Sage was my first, and so far only, pregnancy. My pregnancy was a breeze and on my due date, I started having contractions. Once at the hospital, I had a fast and natural delivery...all seemed well. My mom noticed right away that something was wrong with Sage's eyes. I told myself everything was fine and that it was just because she was a newborn. She was a healthy baby, but at 2 months old, I started to allow myself to admit that something was off. Her pediatrician did not seem concerned with her lack of tracking or engaging, but she did notice she had torticollis, so we started therapy for that.
At 4 months old, the low tone was very noticeable. Sage could not even begin to support her head or sit up. She had not yet rolled over or reached any cognitive milestones. Her doctor was now concerned and sent us to OHSU for an MRI of her brain. What an ordeal that was, but it was necessary. Results came back and everything was normal. Because of this, the neurology department put her on a 1 year plus waiting list. Thankfully her pediatrician said NO to that and called herself to advocate for Sage to be seen immediately.
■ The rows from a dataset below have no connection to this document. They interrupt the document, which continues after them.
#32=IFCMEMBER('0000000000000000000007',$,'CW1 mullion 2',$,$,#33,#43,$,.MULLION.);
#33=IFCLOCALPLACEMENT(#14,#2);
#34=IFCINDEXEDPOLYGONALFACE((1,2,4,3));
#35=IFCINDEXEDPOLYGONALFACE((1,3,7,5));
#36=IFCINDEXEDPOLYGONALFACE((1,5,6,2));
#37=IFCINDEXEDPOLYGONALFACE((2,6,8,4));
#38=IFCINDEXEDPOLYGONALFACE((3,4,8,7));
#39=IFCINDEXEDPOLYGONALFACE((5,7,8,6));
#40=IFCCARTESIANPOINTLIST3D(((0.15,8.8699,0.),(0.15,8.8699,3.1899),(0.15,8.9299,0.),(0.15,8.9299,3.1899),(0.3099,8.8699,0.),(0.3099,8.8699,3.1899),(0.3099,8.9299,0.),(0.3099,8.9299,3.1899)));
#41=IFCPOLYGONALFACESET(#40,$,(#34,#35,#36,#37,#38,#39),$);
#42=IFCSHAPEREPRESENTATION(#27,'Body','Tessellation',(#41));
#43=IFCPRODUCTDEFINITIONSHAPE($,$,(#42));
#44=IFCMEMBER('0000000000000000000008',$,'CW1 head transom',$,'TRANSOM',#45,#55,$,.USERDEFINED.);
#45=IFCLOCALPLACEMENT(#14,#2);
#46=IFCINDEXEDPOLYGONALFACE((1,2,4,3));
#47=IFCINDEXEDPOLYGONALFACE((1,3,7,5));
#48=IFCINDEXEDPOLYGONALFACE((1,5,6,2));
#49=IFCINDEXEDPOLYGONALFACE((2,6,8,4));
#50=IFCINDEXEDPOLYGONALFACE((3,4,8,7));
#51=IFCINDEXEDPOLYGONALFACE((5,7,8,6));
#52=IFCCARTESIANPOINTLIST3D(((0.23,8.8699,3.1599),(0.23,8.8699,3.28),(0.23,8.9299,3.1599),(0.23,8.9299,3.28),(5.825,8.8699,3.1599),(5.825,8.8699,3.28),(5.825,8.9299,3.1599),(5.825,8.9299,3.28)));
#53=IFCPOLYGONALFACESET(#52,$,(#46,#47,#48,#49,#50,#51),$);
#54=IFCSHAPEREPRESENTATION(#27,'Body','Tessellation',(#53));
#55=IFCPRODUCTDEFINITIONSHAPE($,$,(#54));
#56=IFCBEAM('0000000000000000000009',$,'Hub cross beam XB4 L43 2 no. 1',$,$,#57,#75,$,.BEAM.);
We got in less than 2 months later. At 6 months old, Sage was given the clinical diagnosis of hypotonic cerebral palsy. It got her the services she needed, but I was never at ease with this diagnosis. How does this happen?! It just didn't make any sense and as a mother, I constantly dissected every part of my pregnancy and delivery and blamed myself...this somehow had to be my fault.
Over the next 6 months, we made the drive to OHSU a lot for testing and follow ups. EVERYTHING always came back normal. It seemed like we would never know what was going on. At 1 year old, we were referred to the genetics team. A few things were tested for and all came back normal. Then we did a chromosome study, which also came back normal. There was one final test to do. Genome Sequencing! If this extensive test didn't pick anything up, then we were done with diagnostics. I never expected them to find anything. I had mentally prepared myself for never knowing. Shortly after her second birthday, I got the call. Sage has a, so far, unique gene called GRIN1. It was not passed down from me or my husband, but it is a "mutation". I cried and cried. These were tears of relief, almost happy tears...we got our answer finally! This isn't a great answer because the condition is so rare and her doctors still can't tell us what to expect, but it is better than no answer.
I still felt so alone. Her doctors did not know of any support groups and said we were one of maybe ten in the world. My sister and cousin found some GRIN groups on Facebook. I have always been anti-social media, but broke down and created an account to connect with other families. I am so glad I did. What an amazing, growing group of families!
Our little, sweet Sage makes progress with therapy. She has always been an okay eater, but cannot feed herself. She loves bright, flashy things and silly noises. Her favorite thing to do is bounce and rock. She also enjoys sitting outside and watching the leaves in the trees. She is a lot of work and our lives have changed forever, but I am glad she is mine. We love her dearly...she always has a way of making you smile.